Suddenly, the delicious jambalaya faded to ashes in my mouth. With how hard Jace had taken Cai’s death, especially since he was in the car with him at the time, I worried this memorial might set him back. The fault had been with the other driver, who was several times over the legal limit, and Jace hadn’t even been driving, but I knew he somehow blamed himself. Seeing his friend and bandmate die right next to him, it had changed him irrevocably. He had some form of survivor’s guilt. Not entirely logical, but sometimes our brains dealt with shock and tragedy in strange ways.

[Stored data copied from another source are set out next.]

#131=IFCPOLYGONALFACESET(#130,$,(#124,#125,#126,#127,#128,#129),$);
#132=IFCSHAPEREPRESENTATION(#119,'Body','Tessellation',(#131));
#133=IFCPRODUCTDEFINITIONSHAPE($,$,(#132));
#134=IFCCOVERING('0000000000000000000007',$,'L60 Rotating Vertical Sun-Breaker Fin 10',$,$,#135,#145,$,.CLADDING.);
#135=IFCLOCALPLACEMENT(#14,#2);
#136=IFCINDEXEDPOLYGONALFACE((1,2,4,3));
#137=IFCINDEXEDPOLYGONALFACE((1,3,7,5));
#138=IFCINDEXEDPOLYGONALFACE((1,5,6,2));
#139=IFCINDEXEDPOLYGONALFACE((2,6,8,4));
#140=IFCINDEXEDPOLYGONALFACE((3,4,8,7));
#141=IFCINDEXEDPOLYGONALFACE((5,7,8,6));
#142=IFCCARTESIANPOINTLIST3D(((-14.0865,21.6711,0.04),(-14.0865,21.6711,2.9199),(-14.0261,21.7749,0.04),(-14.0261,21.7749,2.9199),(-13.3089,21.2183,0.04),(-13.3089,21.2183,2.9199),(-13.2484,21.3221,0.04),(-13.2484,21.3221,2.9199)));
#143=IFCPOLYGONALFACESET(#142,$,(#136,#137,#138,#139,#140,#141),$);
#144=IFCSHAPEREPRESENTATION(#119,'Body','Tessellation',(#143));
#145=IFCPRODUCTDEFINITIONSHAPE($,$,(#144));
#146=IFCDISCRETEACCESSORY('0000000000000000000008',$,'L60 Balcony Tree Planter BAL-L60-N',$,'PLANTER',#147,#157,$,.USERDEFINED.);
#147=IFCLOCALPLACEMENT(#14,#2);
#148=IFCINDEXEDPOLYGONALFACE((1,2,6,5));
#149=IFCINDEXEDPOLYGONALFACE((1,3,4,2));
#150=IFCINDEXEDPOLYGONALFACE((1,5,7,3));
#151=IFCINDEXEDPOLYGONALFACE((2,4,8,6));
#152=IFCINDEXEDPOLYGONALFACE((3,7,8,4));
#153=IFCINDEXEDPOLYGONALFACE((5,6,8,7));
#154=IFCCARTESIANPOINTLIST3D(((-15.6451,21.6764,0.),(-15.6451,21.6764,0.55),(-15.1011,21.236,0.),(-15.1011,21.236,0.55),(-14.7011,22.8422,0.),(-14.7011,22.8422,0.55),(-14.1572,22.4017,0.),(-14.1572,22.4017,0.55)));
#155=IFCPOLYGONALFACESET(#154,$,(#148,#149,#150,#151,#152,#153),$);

Jace had only known Cai for two years. They’d put out a notice for a drummer, and after a bunch of auditions, Cai had turned up. He’d gelled with the group straight away, but his parents hadn’t approved of him joining the band because he was giving up a medical degree to be a drummer, so he’d become estranged from them over the years. I think that was another reason why Jace had taken his death so badly. He’d known how much the band had become family to him.

I wondered if that was why his parents had decided to hold the memorial. Maybe they carried guilt over how they’d dealt with Cai’s choice to play music instead of becoming a doctor.

“I’d like to come, if that’s okay,” I said, and some of his tension seemed to melt away.

“You would?”

“Of course. I might not have been as close with Cai as you and the others, but he was my friend, too.”

“Okay, I’d like that.”

Zara, seeming to realise that a sensitive topic was being discussed, said, “Daddy, can I have a hug?”

He glanced at her, and I saw the wave of gratitude in his gaze when he nodded profusely, “Yes, honey, come here.”

My throat thickened at the sight of our little girl with her small arms around Jace’s broad shoulders. She’d asked for a hug, but really, she knew her dad was the one who needed it.